# Tinsel, now Annie, left today!



## luv3havs (Jul 27, 2007)

I'm feeling sad today, because Tinsel , now officially Annie, left this morning.

She is going to her permanent family in Virginia.
I knew from the start that I wouldn't fail fostering 101, but I expected that she'd be here for a longer period of time. 

However, the right family came along for her. They understand that, as a puppy mill dog, it may take a long time for her to come around and they are willing to wait and to continue working with her. She will have a Hav puppy sibling to play with and she'll enjoy that.
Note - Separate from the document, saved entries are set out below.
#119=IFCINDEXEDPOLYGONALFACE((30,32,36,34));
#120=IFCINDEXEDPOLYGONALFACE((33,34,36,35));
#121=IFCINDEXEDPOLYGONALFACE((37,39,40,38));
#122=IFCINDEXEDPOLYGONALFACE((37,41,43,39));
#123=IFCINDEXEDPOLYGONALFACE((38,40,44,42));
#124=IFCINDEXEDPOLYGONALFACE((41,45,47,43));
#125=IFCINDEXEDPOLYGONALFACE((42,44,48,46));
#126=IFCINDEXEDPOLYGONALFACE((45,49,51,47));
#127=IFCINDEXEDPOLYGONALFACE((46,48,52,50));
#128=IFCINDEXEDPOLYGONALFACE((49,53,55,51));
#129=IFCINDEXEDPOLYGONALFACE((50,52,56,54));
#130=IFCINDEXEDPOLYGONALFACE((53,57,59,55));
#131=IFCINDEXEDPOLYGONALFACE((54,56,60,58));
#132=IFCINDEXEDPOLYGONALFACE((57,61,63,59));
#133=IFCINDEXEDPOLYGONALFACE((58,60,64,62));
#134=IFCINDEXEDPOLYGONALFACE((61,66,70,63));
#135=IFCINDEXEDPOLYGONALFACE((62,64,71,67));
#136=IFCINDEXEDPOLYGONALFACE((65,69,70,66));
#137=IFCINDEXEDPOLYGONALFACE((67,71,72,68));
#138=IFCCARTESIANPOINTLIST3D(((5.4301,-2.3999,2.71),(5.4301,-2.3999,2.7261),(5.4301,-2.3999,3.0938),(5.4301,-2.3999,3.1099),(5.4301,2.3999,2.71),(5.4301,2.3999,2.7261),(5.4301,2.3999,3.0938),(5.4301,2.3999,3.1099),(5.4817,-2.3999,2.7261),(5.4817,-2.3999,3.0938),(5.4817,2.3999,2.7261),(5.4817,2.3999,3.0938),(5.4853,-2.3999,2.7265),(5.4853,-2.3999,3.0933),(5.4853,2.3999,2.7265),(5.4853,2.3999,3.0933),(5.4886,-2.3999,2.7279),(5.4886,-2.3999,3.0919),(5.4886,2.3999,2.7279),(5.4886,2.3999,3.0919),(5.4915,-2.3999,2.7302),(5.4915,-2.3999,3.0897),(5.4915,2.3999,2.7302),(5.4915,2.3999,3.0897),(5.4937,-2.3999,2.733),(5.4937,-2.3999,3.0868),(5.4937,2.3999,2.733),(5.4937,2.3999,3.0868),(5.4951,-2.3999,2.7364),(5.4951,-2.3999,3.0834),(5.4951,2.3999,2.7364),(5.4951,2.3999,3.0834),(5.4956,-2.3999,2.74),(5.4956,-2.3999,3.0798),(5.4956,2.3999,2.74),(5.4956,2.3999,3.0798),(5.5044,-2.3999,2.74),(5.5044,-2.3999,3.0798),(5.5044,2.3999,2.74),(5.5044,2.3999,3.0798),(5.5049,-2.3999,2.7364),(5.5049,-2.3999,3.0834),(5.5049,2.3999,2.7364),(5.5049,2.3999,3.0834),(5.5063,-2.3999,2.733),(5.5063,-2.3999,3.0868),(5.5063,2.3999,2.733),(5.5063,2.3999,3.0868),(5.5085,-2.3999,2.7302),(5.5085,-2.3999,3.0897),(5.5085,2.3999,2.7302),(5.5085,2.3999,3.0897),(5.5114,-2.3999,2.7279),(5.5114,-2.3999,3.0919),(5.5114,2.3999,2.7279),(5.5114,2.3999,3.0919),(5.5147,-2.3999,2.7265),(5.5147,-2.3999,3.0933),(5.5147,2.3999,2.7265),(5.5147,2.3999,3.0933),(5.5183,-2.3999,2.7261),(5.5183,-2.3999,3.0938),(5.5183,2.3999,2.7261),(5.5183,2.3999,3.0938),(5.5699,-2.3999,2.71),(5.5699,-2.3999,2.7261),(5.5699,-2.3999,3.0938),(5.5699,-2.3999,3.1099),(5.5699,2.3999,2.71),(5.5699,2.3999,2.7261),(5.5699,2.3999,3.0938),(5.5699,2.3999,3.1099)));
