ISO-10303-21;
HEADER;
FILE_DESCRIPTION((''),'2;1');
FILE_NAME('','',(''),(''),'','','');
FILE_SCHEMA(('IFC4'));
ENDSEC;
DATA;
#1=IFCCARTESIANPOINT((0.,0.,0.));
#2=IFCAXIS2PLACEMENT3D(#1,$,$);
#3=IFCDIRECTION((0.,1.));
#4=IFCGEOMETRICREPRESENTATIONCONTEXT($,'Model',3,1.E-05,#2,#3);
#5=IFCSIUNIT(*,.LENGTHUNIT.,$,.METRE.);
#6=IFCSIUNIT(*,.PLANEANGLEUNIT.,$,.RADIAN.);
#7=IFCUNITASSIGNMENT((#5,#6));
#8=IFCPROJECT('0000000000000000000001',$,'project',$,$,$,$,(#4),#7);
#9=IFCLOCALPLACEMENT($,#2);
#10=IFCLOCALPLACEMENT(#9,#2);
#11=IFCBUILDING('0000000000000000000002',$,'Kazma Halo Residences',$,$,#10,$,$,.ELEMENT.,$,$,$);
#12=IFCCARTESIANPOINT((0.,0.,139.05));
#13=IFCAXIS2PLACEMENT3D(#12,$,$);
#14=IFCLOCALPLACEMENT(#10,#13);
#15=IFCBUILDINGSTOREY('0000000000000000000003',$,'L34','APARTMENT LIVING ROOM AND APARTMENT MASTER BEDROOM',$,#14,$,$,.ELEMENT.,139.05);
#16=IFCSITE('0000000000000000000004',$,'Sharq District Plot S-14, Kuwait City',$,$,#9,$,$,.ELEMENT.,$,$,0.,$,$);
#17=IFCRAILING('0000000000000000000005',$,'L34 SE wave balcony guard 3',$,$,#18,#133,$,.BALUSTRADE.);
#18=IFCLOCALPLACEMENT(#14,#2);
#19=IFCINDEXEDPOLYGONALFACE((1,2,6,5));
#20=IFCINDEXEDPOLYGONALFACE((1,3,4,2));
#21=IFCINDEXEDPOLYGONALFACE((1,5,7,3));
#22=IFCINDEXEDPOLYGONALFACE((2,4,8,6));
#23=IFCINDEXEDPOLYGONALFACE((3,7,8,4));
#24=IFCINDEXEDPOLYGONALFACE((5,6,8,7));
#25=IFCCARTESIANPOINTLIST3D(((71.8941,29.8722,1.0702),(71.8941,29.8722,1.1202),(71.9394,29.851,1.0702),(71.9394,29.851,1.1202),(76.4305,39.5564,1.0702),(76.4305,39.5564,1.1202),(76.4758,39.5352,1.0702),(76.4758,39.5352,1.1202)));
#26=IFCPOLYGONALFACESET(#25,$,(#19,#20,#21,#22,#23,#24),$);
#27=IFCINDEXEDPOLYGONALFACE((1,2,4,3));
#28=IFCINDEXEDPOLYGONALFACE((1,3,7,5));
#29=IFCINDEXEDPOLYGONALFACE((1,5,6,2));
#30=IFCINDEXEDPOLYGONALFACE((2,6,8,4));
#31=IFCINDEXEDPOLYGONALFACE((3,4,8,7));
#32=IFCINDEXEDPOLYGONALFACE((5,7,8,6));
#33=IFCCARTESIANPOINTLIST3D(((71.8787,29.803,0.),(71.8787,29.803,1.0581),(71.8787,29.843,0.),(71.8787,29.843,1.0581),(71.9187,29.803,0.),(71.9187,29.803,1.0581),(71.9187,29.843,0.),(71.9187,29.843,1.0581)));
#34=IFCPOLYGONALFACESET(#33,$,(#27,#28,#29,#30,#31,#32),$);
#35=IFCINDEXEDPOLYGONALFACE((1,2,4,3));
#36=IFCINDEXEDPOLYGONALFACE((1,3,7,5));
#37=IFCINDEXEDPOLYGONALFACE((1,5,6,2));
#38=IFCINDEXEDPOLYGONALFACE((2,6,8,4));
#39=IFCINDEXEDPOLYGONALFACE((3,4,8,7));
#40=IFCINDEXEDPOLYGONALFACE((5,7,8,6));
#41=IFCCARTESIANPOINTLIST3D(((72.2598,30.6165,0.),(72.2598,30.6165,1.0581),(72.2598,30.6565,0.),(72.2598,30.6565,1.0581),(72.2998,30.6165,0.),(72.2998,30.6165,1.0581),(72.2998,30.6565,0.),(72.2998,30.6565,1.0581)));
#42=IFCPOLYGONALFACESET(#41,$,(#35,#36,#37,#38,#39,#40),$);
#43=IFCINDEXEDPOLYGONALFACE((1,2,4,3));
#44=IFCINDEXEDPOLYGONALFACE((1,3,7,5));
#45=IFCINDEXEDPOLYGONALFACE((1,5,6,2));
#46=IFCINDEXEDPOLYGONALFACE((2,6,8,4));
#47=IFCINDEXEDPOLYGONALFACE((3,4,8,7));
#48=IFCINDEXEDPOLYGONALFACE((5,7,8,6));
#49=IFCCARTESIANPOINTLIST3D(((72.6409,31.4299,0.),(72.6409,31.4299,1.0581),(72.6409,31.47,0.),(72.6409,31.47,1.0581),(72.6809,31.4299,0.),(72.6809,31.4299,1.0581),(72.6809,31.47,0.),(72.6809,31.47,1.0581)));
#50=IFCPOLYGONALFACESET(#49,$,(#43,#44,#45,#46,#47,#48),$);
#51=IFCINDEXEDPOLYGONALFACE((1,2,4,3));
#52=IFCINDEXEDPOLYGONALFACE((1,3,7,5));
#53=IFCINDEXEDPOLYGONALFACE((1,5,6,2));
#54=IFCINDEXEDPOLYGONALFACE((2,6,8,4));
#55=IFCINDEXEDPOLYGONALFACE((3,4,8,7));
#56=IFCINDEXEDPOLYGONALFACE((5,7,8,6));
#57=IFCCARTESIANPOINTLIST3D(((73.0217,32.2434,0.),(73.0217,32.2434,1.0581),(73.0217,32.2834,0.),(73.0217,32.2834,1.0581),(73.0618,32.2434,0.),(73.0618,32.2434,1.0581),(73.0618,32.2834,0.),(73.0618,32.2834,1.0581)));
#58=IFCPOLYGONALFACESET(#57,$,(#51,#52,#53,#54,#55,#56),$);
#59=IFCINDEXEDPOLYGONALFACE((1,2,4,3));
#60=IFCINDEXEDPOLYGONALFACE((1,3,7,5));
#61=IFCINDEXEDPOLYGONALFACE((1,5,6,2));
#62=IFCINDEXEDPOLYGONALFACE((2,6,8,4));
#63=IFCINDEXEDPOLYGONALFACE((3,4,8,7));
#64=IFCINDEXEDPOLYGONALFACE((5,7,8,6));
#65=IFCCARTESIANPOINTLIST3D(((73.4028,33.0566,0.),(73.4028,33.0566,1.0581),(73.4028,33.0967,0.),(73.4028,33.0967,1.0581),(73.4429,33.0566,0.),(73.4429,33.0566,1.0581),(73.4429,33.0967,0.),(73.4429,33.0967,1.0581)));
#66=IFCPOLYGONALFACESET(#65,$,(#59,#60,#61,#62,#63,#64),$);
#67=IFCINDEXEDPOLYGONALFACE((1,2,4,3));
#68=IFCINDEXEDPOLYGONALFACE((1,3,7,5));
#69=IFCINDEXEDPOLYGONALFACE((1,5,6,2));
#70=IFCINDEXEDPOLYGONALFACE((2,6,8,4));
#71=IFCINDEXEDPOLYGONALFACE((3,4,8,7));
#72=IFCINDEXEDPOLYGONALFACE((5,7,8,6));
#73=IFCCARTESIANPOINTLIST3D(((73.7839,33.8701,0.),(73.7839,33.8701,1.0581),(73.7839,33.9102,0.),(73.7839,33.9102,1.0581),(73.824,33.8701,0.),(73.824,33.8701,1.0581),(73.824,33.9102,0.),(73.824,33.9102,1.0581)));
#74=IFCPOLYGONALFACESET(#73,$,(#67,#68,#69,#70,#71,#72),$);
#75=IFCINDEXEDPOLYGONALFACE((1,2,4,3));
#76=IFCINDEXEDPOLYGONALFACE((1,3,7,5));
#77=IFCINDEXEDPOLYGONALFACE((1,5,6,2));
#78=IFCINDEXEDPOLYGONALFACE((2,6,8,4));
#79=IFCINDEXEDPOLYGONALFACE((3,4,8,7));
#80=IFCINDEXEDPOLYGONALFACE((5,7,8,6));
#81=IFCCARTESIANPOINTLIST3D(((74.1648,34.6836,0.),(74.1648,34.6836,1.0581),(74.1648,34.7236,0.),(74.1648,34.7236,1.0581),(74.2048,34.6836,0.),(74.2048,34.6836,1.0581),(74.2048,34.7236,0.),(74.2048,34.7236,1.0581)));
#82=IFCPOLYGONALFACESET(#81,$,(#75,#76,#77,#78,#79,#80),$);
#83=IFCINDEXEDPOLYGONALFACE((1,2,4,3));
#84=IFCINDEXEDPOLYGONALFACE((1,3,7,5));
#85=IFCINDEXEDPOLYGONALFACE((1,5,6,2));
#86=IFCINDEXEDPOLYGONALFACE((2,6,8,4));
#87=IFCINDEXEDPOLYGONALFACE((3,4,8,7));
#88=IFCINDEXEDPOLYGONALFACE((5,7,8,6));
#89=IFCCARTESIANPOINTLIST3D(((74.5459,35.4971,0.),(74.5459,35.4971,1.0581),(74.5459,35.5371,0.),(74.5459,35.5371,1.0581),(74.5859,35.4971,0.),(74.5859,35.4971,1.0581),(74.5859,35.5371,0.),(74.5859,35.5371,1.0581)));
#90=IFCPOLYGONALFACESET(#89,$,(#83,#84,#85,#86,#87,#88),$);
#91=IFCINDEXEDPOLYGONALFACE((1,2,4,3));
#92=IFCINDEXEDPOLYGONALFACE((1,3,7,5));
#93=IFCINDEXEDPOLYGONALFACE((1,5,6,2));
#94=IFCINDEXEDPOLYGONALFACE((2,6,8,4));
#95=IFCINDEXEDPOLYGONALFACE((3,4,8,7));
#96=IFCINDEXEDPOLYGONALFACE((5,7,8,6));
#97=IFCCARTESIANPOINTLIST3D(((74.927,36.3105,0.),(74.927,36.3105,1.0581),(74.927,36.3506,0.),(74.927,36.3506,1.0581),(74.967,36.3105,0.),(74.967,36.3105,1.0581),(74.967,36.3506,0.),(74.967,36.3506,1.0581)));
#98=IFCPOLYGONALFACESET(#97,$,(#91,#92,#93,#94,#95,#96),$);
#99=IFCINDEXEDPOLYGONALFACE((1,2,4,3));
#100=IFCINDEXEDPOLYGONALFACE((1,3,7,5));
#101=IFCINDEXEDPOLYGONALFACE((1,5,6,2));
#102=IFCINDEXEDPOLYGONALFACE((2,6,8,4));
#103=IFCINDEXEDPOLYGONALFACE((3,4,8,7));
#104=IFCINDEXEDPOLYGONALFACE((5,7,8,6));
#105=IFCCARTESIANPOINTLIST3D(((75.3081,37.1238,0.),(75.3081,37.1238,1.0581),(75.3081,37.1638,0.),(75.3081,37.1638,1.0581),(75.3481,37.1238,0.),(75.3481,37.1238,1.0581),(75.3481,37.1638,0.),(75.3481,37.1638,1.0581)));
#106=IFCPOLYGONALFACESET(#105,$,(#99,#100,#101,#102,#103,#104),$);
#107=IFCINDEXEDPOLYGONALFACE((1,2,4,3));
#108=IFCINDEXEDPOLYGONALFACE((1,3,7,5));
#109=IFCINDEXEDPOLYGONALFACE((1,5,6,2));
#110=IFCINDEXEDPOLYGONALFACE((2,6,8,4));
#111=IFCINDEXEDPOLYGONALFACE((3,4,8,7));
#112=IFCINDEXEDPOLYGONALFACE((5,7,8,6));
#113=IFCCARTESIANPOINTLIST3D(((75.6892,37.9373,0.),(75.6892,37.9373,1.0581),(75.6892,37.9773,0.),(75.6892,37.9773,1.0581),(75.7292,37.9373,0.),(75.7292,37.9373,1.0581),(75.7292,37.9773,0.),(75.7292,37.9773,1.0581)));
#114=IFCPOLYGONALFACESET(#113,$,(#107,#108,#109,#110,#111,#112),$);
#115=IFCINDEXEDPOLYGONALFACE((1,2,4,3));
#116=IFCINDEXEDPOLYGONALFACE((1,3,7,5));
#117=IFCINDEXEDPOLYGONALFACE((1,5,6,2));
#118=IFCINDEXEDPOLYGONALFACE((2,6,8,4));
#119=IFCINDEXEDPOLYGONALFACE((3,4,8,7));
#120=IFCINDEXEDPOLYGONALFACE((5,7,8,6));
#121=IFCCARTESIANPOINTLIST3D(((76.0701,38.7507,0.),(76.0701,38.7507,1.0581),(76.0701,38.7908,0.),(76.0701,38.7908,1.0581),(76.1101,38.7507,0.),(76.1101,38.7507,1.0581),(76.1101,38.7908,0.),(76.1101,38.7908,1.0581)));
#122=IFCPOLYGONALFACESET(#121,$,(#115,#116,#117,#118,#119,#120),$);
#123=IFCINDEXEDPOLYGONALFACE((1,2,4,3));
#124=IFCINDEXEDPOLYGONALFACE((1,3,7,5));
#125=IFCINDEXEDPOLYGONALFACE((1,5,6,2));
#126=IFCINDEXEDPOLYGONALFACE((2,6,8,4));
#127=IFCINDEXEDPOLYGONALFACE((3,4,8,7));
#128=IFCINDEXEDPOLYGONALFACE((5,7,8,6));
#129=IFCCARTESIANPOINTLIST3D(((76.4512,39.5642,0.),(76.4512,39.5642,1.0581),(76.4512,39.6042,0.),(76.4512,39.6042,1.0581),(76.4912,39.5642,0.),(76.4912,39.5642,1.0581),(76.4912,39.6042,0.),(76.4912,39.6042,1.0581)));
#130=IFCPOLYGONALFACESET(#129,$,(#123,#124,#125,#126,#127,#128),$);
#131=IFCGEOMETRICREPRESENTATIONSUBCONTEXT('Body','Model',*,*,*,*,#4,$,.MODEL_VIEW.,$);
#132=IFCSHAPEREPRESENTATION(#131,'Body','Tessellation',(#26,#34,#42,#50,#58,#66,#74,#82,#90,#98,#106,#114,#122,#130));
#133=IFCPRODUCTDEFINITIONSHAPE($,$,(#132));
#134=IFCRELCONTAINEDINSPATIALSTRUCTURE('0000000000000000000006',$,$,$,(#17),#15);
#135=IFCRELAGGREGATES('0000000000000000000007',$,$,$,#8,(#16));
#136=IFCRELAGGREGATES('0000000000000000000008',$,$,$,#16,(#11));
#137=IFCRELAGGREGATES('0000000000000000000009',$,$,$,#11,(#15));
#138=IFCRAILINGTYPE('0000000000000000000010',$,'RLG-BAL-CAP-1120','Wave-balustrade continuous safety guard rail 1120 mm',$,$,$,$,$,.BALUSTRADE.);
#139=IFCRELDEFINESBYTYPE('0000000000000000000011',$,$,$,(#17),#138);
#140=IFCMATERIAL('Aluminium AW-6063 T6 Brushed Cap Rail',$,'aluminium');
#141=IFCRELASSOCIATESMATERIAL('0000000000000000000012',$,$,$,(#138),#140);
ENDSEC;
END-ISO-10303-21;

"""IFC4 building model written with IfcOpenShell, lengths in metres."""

from ifc_helpers import new_model, si_unit, direction, frame, origin, origin_2d, place, context, subcontext, project, spatial, rectangle, extrude, material, type_object, element, save


model = new_model("IFC4")

# Units and contexts
model_context = context("Model", 3, precision=1e-05, world=origin(), true_north=direction((0.0, 1.0)))
body_context = subcontext(model_context, "Body", "Model", "MODEL_VIEW")
ifc_project = project(units=[si_unit("LENGTHUNIT", "METRE"), si_unit("PLANEANGLEUNIT", "RADIAN")], contexts=[model_context])

# Site, building, storey
site_placement = place(None, origin())
site = spatial("IfcSite", under=ifc_project, at=site_placement, Name="Sharq District Plot S-14, Kuwait City", CompositionType="ELEMENT", RefElevation=0.0)
building_placement = place(site_placement, origin())
building = spatial("IfcBuilding", under=site, at=building_placement, Name="Kazma Halo Residences", CompositionType="ELEMENT")
storey_placement = place(building_placement, frame((0.0, 0.0, 139.05)))
storey = spatial("IfcBuildingStorey", under=building, at=storey_placement, Name="L34", Description="APARTMENT LIVING ROOM AND APARTMENT MASTER BEDROOM", CompositionType="ELEMENT", Elevation=139.05)

# Railing
ifc_material_1 = material(Name="Aluminium AW-6063 T6 Brushed Cap Rail", Category="aluminium")
railing_type = type_object("IfcRailingType", Name="RLG-BAL-CAP-1120", Description="Wave-balustrade continuous safety guard rail 1120 mm", PredefinedType="BALUSTRADE", material=ifc_material_1)
railing_1_placement = place(storey_placement, frame((71.8987, 29.823, 0.0)))
element("IfcRailing", 1, at=railing_1_placement, inside=storey, type_object=railing_type, Name="L34 SE wave balcony guard 3", PredefinedType="BALUSTRADE", context=body_context, shape_type="SweptSolid", body=[
    extrude(rectangle(XDim=0.05, YDim=0.05, at=origin_2d()), frame((0.0181, 0.0386, 1.0952), z_axis=(0.424201, 0.905568, 0.0), x_axis=(-0.905568, 0.424201, 0.0)), (0.0, 0.0, 1.0), 10.6941),
    extrude(rectangle(XDim=0.04, YDim=0.04, at=origin_2d()), origin(), (0.0, 0.0, 1.0), 1.0581),
    extrude(rectangle(XDim=0.04, YDim=0.04, at=origin_2d()), frame((0.3811, 0.8135, 0.0)), (0.0, 0.0, 1.0), 1.0581),
    extrude(rectangle(XDim=0.04, YDim=0.04, at=origin_2d()), frame((0.7622, 1.627, 0.0)), (0.0, 0.0, 1.0), 1.0581),
    extrude(rectangle(XDim=0.04, YDim=0.04, at=origin_2d()), frame((1.1431, 2.4404, 0.0)), (0.0, 0.0, 1.0), 1.0581),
She and I were together constantly for the time that she was here and I will miss her cute face and gentle nature. It's amazing how attached one can get to a dog that doesn't even come to you! I admire her courage for trying so hard to adapt.
I'm so nervous waiting to hear how her adjustment is going. 
She was groomed a few days ago and here is her latest picture. Quite a difference from the first one!


----------



## Jill in Mich (Feb 24, 2008)

Hugs to you Nan...I'm sorry for you but so glad Annie has found a forever home. She's adorable with her new cut. I'm sure her new family will love her, just as much as you'll miss her.


----------



## Evye's Mom (Dec 16, 2008)

She sure has a sweet little face. I wish her well in her new home and (((hugs))) to you for giving her a new start.


----------



## Brady's mom (Dec 1, 2006)

What a great happy ending for Annie. I am sure you will miss her and she will miss you, but how wonderful it is to hear that she is starting a new life with a family willing to work with her. Thank you so much for devoting so much of your time and kindness to her. She really is a beautiful girl! I love that picture!!


----------



## motherslittlehelper (Mar 18, 2010)

Annie really is pretty - love her coloration! How bittersweet it must be for you. Missing her but knowing that under your care she has progressed to the point she is able to move on to her new family. I really admire those of you who foster these little ones and work so hard to give them a better life. May she continue to do well in her new home and have a wonderful life!


----------



## Pixiesmom (Jul 31, 2008)

What a super sweet thing you did for her!! She's a pretty girl and I'm sure since you started her on the right path, she'll do great.


----------



## pjewel (Apr 11, 2007)

I can feel your pain. I hope her transition is an easy one and that she loves her new family. Sending you a cyber hug.


----------



## suzanne0202 (Jan 11, 2009)

*It takes a special person to be a foster mom..*

You did such a wonderful thing for her...

Hugs


----------



## The Laughing Magpie (Aug 20, 2009)

This must have been hard. She is continuing her journey and it hurts to let go, even when they go to a good home. You have done sooooo much for Annie. Hugs........


----------



## luv3havs (Jul 27, 2007)

I just spoke with Annie's new mom and she is doing great! Her first night went well, and she seems to be settling in and making a good adjustment.
Now I can relax


----------



## galaxie (Dec 1, 2009)

Oh sweet little Annie! I'm so glad she has a furever home  You did a wonderful thing for her, Nan!


----------



## good buddy (Feb 20, 2007)

Aw, it's so nice to get a good report on her. You did great! I hope you're very proud of yourself for taking such good care and letting her go when the right family came forward. :hug:


----------



## marjrc (Jan 13, 2007)

Awww, that has got to be so hard at first, to see little Annie go. Is she far away from you? How nice to get an update with good news. I hope she adapts well to her new family.


----------



## luv3havs (Jul 27, 2007)

Annie is 3 hours away. Maybe someday we will take a drive down to visit her.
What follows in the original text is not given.